Keith,
Thanks for you input!!
we seem to have a nice collaboration on text utilities :)
I ran the code you provided, and found an issue.
Given:
"This is my dog" & "My Dog does not have fleas"
- Your initial code generates NO matches - you use Position with Case
sensitivity ON, and as for position > 1, missing matches starting at
position 1.
- With out case sensitivity, & Position > 0, Your code generates the
longest common string as length 5, and "my do"

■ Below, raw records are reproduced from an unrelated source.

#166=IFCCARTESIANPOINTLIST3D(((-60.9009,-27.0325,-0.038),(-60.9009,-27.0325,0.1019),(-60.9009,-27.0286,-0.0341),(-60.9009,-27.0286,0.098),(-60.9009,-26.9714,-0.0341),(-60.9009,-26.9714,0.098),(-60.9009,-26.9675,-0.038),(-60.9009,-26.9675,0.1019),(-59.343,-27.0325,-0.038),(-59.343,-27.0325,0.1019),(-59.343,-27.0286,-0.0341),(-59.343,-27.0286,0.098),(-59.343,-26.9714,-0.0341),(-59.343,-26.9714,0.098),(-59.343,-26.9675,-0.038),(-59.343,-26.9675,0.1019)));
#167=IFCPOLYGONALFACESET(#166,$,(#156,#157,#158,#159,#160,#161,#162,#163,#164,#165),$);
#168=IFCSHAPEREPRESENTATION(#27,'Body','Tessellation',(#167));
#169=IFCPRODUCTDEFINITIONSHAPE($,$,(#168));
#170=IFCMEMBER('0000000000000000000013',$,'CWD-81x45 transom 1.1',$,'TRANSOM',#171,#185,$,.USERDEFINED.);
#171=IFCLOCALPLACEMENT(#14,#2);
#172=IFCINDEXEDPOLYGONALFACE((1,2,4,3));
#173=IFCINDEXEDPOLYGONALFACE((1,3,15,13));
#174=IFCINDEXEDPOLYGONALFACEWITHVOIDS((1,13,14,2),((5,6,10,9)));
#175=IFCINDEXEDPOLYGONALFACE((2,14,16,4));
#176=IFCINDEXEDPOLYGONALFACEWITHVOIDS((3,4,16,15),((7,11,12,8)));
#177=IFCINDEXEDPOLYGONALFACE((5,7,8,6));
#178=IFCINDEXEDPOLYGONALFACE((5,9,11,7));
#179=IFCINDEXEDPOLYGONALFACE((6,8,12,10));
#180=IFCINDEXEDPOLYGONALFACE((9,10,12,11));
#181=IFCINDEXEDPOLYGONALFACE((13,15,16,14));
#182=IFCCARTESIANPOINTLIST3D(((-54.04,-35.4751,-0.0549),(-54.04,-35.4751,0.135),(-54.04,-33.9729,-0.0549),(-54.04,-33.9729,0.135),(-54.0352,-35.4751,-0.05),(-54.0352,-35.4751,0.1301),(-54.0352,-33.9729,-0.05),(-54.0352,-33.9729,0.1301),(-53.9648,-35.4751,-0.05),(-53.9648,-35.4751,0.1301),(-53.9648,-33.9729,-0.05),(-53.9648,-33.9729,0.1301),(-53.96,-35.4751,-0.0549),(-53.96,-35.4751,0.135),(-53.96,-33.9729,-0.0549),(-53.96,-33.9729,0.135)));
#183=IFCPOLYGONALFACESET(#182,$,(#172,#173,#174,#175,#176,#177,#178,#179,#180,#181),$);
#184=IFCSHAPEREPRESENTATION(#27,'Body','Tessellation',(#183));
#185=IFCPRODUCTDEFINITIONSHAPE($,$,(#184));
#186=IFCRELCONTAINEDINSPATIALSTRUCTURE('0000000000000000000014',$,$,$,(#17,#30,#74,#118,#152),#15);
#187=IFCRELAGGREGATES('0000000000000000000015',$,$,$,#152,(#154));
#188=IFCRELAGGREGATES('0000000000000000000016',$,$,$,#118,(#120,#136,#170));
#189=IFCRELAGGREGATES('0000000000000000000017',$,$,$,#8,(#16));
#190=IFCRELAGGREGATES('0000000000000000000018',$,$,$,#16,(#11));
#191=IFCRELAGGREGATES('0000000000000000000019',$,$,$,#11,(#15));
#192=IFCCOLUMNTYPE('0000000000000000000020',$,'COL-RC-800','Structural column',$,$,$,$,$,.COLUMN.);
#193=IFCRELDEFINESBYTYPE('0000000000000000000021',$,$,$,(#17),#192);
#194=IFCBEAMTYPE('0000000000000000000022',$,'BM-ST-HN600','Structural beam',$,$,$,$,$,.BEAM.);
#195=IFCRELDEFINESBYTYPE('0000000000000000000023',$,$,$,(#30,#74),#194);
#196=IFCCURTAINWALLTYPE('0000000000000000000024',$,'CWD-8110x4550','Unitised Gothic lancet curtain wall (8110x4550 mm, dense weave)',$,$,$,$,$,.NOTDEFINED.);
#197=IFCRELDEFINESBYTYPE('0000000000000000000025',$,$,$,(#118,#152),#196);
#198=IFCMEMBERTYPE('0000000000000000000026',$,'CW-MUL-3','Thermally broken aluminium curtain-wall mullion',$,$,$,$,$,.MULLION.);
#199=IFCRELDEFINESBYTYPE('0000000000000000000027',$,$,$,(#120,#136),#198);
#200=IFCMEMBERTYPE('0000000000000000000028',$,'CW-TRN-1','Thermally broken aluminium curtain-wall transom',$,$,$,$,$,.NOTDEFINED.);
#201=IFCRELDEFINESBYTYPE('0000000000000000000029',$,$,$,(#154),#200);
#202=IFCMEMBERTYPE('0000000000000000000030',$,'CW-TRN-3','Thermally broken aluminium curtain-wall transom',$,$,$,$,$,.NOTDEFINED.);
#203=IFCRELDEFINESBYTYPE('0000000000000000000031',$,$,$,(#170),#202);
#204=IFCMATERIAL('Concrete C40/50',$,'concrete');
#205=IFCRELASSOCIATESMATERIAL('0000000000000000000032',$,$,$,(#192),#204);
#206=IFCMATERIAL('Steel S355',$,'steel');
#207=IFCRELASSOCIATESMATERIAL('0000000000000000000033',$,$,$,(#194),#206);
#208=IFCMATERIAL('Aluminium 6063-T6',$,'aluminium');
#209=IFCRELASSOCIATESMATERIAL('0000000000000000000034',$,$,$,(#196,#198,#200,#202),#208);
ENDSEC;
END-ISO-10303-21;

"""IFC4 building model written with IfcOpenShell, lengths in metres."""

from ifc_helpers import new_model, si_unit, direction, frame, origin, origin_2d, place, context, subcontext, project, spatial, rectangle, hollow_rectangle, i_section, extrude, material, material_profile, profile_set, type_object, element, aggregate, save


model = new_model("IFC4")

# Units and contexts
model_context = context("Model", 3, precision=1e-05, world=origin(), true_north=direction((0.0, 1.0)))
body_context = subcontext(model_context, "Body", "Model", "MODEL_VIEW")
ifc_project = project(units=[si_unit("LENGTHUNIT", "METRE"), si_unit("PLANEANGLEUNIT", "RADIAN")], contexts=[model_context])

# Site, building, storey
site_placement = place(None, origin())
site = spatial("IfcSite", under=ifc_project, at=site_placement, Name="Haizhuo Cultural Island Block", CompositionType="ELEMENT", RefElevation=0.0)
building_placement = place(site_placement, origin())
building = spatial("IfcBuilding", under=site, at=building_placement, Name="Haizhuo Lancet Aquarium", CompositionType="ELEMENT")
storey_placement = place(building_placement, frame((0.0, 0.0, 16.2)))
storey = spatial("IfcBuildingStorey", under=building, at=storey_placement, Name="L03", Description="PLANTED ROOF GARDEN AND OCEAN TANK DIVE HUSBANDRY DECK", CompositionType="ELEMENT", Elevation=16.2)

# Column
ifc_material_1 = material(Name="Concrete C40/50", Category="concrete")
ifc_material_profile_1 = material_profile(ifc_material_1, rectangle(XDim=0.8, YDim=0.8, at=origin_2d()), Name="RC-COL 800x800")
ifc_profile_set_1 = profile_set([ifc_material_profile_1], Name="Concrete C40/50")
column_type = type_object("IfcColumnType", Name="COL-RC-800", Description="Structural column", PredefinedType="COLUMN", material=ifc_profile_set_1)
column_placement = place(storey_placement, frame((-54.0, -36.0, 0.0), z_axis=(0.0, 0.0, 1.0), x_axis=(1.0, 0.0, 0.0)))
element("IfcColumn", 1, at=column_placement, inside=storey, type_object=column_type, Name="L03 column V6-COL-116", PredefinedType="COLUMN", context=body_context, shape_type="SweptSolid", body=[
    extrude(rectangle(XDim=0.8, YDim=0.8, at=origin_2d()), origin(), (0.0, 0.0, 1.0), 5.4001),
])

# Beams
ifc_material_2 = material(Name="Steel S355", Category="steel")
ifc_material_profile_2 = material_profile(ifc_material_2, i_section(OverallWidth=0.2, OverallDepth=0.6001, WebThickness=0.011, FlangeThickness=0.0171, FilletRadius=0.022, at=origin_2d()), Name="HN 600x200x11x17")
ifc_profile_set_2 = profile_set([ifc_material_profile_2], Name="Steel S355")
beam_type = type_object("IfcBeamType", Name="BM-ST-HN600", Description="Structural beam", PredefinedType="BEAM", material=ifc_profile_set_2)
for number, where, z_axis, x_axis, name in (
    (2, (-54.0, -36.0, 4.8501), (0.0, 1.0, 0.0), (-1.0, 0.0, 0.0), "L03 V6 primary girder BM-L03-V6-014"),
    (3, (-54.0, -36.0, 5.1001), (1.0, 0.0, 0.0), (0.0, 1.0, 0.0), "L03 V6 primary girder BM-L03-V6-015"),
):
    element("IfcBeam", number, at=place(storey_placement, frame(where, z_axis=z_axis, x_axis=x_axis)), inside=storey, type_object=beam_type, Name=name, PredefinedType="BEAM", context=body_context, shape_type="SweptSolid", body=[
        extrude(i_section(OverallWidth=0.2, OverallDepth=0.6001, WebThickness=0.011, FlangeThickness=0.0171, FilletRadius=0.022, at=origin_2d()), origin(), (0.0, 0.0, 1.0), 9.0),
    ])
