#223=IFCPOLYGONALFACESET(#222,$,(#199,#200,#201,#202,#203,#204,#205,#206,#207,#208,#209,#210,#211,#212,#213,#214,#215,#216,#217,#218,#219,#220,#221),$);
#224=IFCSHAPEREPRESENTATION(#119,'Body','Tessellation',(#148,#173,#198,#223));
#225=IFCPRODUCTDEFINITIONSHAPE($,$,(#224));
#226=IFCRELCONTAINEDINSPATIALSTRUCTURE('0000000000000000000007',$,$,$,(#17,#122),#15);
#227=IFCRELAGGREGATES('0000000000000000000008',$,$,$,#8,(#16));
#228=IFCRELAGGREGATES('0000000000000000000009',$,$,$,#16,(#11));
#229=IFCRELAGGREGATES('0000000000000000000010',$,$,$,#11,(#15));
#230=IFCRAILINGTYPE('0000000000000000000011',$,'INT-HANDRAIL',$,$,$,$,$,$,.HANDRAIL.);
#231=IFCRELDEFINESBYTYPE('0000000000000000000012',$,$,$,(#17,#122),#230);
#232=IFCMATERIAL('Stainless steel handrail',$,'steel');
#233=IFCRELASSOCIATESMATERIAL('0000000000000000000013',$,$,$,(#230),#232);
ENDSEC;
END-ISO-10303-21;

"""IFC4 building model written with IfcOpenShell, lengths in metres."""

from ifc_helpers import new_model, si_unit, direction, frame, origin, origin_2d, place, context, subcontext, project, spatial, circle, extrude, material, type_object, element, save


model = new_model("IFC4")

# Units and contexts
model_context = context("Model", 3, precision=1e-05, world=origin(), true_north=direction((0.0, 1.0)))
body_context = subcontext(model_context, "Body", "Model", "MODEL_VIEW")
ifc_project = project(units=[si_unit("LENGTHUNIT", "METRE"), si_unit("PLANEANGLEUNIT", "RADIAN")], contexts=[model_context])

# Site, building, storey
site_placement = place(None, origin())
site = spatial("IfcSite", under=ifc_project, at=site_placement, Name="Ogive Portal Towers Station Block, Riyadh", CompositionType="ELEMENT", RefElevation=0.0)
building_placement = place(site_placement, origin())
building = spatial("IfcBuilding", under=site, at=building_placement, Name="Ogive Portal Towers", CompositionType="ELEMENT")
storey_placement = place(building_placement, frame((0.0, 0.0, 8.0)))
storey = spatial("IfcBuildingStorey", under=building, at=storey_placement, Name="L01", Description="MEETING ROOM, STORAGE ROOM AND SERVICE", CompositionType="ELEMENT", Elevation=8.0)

This is because you end up truncating the last character comparison due
to using [[$i-1]]
Follows, modified code to handle requests for both case sensitivity,
and not, as well as removing the truncation issue.
I am thinking that it might be slightly more efficient to:
- compare the first 2 characters -- removing 1 iteration over the
longer string. But it might not be worth the housekeeping to code that.
- to build the final longest string as you go, rather then reiterate
back over the strings looking for matches of the longest length.
Where X = the number of times the longest common string length can be
found in the shortest string... it would save X substrings, 2X
positions X find in array, 2X assignments, and 2X comparisons + the
loop counter incrementation and comparison.
For relatively short strings, there would likely be no significant
difference in execution time, however, very long strings (what length
is 'long' I do not know), or repeated execution of this code in some
sort of loop the difference might be large.
Code start::
// ----------------------------------------------------
// Method: Suffix_Tree - from Wiki examples
// -
// INPUT1: Text - to compare
// INPUT2: Text - to compare
// INPUT3: Pointer - array of longest matches
// INPUT4: Boolean - Do case sensitive comparisons (default = false)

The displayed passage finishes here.